E aí as plantas aproveitam desse processo de levar a semente de um lado para outro.
Então, os animais acabam sendo um dispersor da semente.
Cuidado!
Dispersão de semente é uma coisa muito diferente da dispersão do grão de pólen.
O grão de pólen é feito a dispersão dele pelo vento, nesse caso específico das gimnospermas.
A dispersão das sementes é feita por animais.
Bom, esse grupo apresenta alternância de geração, como todas as plantas apresentam e a fase dominante é a fase esporofídica e eu trouxe aqui uma figura para vocês do representante mais famoso, que é o pinheiro do Paraná, é a araucária.
Eu como sou do sul do Brasil, tenho o privilégio de poder conhecer a araucária de perto, famosos pinheiro do Paraná, porque no Rio Grande Sul tem as florestas de araucária, em todo o sul do Brasil, Paraná, Santa Catarina e o Rio Grande do Sul, também.
A partir desse grupo, a gente começou a dar a nomenclatura diferenciada para estrutura masculina e feminina.
Nós adotamos o prefixo para estruturas masculinas de micro, para a estrutura masculina, e mega para a estrutura feminina.
Então, o estróbilo, que é o nome científico, na verdade, vocês conhecem isso como pinha, o estróbilo feminino a gente poderia chamar de mega estróbilo, que é a pinha maior e o estróbilo masculino, a pinha masculina, a gente poderia chamar de micro estróbilo, então, a pinha masculina, que é a pequeninha micro estróbilo, a pinha feminina, que é a grandinha, mega estróbilo.

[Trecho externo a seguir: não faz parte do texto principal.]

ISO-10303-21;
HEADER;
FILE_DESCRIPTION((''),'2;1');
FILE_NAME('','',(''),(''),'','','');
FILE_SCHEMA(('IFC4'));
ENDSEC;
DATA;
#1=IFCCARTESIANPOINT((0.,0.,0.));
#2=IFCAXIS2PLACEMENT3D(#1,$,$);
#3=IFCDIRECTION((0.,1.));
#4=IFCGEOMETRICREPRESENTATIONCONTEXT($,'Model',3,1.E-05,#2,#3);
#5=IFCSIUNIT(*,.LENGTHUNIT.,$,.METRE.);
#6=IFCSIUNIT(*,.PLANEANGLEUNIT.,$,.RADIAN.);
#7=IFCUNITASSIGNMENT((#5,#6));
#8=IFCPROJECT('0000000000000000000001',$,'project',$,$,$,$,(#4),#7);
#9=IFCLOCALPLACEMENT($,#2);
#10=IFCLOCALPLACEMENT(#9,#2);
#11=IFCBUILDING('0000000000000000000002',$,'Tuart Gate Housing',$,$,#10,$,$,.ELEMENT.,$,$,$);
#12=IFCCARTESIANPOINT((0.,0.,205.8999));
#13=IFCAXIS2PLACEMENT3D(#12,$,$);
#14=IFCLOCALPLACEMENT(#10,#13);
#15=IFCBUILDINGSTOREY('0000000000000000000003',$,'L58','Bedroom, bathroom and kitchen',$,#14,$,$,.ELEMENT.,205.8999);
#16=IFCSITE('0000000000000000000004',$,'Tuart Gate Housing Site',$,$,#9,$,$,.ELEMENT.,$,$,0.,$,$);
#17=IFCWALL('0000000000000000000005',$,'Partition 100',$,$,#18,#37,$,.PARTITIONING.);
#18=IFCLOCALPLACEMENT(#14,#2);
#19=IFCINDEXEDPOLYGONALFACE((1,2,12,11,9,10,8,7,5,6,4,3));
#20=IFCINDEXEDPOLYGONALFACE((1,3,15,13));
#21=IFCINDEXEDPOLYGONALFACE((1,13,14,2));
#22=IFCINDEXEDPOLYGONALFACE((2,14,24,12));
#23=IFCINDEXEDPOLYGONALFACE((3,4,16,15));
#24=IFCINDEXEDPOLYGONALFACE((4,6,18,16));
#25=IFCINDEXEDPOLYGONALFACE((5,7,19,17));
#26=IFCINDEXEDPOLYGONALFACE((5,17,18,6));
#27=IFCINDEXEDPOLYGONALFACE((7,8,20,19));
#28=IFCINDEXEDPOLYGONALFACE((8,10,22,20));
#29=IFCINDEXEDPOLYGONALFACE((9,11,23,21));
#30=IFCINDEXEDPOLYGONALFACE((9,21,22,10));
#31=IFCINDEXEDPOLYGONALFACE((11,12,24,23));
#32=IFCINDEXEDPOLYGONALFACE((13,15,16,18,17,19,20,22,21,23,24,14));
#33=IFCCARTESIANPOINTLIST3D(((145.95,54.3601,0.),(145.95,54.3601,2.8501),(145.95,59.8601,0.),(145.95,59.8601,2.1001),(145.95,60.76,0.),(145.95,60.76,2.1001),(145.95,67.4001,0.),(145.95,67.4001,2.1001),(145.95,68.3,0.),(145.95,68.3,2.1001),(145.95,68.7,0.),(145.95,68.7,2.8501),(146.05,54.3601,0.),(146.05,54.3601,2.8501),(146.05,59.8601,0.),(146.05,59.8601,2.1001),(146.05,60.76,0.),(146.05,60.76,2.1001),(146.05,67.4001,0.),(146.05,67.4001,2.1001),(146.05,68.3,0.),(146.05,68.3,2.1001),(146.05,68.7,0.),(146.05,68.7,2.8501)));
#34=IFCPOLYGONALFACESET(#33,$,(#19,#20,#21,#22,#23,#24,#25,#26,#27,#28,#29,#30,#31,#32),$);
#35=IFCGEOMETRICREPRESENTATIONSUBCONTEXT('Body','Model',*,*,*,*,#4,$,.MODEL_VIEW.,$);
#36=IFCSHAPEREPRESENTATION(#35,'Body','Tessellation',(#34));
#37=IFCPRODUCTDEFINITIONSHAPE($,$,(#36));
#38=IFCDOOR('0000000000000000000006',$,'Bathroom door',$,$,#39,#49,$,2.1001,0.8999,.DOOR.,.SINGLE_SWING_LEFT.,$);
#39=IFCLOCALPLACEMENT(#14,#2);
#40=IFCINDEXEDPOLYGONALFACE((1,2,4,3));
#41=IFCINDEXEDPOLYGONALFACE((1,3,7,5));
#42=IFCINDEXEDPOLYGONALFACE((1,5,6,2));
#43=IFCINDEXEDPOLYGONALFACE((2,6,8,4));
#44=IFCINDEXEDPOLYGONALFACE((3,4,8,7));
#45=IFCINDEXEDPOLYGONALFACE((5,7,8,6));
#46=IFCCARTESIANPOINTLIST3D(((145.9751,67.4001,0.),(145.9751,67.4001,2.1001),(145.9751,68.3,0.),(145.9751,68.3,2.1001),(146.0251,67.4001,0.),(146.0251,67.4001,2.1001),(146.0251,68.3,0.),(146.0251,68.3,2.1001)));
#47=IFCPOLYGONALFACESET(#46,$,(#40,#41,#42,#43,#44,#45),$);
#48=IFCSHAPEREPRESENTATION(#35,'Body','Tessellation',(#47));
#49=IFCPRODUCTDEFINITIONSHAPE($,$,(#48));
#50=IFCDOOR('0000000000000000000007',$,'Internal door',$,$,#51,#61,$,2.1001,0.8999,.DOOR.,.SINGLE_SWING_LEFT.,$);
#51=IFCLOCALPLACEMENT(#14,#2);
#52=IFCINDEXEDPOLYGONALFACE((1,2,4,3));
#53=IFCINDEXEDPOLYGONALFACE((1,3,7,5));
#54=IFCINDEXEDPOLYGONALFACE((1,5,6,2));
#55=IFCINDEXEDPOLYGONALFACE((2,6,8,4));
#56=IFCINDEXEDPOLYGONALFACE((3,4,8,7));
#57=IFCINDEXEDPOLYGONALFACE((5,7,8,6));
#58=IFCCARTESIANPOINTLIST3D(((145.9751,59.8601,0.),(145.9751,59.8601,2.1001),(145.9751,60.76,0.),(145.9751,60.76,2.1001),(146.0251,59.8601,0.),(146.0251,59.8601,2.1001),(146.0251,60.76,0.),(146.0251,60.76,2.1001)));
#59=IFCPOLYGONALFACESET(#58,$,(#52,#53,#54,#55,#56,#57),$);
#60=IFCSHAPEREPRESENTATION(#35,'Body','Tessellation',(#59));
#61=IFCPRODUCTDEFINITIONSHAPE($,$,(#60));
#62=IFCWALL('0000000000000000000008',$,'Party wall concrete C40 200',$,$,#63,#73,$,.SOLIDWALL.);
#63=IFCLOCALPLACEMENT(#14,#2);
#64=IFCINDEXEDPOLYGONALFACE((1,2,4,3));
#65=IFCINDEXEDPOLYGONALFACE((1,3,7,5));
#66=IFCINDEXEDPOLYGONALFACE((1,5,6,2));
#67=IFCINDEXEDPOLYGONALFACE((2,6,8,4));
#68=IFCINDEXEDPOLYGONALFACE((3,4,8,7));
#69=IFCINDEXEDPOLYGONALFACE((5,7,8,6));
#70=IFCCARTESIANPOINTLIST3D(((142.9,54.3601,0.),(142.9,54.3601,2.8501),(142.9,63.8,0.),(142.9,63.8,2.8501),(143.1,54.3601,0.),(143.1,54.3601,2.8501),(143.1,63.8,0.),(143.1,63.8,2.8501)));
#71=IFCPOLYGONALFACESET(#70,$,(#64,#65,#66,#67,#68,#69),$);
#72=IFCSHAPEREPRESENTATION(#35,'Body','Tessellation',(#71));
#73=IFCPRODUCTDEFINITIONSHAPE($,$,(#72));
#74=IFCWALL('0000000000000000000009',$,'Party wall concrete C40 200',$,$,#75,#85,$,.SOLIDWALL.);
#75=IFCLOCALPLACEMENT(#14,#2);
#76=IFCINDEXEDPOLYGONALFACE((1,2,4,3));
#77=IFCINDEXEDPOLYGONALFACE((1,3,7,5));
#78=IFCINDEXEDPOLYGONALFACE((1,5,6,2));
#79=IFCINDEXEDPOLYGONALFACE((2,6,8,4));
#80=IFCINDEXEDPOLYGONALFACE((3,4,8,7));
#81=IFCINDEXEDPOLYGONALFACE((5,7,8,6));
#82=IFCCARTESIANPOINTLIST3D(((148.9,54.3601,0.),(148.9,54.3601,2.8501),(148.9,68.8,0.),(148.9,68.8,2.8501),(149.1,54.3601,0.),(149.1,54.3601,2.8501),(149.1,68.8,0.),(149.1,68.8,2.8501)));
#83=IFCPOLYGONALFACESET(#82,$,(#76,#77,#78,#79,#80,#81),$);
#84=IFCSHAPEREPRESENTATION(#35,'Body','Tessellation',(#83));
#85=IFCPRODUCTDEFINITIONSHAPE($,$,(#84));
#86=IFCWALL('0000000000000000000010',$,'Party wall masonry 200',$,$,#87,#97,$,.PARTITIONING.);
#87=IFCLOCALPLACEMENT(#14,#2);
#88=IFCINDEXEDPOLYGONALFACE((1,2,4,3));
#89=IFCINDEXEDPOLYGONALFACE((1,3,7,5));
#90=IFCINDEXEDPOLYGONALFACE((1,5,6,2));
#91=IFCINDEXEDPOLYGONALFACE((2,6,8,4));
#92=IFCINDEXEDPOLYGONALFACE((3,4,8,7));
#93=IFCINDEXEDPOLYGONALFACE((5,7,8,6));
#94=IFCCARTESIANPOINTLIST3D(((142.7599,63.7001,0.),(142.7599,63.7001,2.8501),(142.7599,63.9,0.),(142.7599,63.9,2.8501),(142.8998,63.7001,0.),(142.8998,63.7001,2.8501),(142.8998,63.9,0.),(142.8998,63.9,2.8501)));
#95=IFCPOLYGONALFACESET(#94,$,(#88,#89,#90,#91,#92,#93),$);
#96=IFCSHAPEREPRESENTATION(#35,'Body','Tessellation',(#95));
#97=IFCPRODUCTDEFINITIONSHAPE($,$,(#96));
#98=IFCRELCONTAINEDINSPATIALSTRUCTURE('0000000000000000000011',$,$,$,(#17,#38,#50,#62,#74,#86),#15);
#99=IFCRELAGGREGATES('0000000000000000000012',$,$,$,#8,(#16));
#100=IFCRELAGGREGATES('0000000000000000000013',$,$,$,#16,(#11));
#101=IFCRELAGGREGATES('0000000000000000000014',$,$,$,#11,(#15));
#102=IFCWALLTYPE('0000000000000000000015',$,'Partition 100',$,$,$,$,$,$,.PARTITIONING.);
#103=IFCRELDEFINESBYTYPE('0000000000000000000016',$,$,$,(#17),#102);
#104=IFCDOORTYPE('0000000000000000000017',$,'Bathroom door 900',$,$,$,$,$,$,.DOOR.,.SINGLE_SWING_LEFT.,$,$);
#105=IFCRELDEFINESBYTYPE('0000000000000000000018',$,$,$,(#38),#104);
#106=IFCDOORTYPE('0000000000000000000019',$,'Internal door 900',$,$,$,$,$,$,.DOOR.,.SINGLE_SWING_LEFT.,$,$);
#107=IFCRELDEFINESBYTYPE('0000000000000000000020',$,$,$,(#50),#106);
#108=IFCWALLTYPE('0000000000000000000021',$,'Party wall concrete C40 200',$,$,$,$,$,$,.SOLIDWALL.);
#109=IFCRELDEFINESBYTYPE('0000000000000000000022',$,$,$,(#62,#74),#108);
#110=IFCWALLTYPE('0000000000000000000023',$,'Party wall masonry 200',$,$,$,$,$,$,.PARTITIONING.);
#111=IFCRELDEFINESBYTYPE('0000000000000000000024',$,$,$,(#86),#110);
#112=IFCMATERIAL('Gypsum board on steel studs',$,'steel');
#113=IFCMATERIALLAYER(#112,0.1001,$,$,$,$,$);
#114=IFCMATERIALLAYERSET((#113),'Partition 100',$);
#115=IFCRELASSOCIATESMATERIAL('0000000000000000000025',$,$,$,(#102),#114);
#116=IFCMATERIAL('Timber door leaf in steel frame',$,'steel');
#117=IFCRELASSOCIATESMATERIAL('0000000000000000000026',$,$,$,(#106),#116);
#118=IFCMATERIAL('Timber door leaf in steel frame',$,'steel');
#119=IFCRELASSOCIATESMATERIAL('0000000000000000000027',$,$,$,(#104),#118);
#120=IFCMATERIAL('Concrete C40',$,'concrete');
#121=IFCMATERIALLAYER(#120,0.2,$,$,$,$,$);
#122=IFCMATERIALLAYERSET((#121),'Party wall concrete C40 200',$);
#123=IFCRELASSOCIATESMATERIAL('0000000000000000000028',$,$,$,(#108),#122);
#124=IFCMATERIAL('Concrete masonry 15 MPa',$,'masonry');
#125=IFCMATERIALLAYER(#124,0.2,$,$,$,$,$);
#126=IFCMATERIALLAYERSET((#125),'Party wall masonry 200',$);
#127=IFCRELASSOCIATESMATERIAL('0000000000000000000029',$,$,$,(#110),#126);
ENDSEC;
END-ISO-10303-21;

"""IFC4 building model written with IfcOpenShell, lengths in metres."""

from ifc_helpers import new_model, si_unit, direction, frame, frame_2d, origin, place, context, subcontext, project, spatial, rectangle, extrude, material, layer, layer_set, type_object, element, fill, save


model = new_model("IFC4")

# Units and contexts
model_context = context("Model", 3, precision=1e-05, world=origin(), true_north=direction((0.0, 1.0)))
body_context = subcontext(model_context, "Body", "Model", "MODEL_VIEW")
ifc_project = project(units=[si_unit("LENGTHUNIT", "METRE"), si_unit("PLANEANGLEUNIT", "RADIAN")], contexts=[model_context])

# Site, building, storey
site_placement = place(None, origin())
site = spatial("IfcSite", under=ifc_project, at=site_placement, Name="Tuart Gate Housing Site", CompositionType="ELEMENT", RefElevation=0.0)
building_placement = place(site_placement, origin())
building = spatial("IfcBuilding", under=site, at=building_placement, Name="Tuart Gate Housing", CompositionType="ELEMENT")
storey_placement = place(building_placement, frame((0.0, 0.0, 205.8999)))
storey = spatial("IfcBuildingStorey", under=building, at=storey_placement, Name="L58", Description="Bedroom, bathroom and kitchen", CompositionType="ELEMENT", Elevation=205.8999)

# Shared definitions
ifc_material_1 = material(Name="Gypsum board on steel studs", Category="steel")
ifc_layer_1 = layer(ifc_material_1, 0.1001)
ifc_layer_set_1 = layer_set([ifc_layer_1], Name="Partition 100")
wall_type_1 = type_object("IfcWallType", Name="Partition 100", PredefinedType="PARTITIONING", material=ifc_layer_set_1)

# Shared definitions
ifc_material_2 = material(Name="Timber door leaf in steel frame", Category="steel")
door_type_1 = type_object("IfcDoorType", Name="Internal door 900", OperationType="SINGLE_SWING_LEFT", PredefinedType="DOOR", material=ifc_material_2)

Se a gente destacar uma folha modificada dessa daqui, que quando fecundada pode dar origem a um pinhãozinho, o nome disso seria mega, dentro disso aqui, na verdade, essa folhinha seca, megasporângio.
Dentro do megasporângio vai ter um megaesporo, ou o megásporo, que é o esporo feminino.
Claro, a gente vai ver essas estruturas mais para frente.
E aqui é a mesma coisa, se a gente destacasse uma única folhinha modificada, nós teríamos o microsporângio, e dentro dele o micrósporo, que seria o esporo masculino.
Aqui está a planta adulta, o micro esporófito, fito é planta, micro esporófito adulto.
Professor, tem como bater o olho e dizer se é um pé masculino ou se é um pé feminino?
Tem.
Se a gente ver predomínio de estróbilos grandes, de pinhas grandes, é um pé feminino, é uma araucária feminina.
Se a gente bater o olho e ver pinhas pequenininhas, é um pé masculino.
O que pode acontecer, se a pessoa não é treinada, é ver pinhas pequenininhas e dizer que é um pé masculino, mas na verdade é porque ainda não terminou o seu crescimento, depois vai crescer, e vai virar isso aqui.
Tá bom, gente.
Então, olha só.
Sobre características de gimnospermas, a gente já viu tudo.
Se a prova pedir qualquer coisa das características principais do grupo, a gente está bem servido para responder.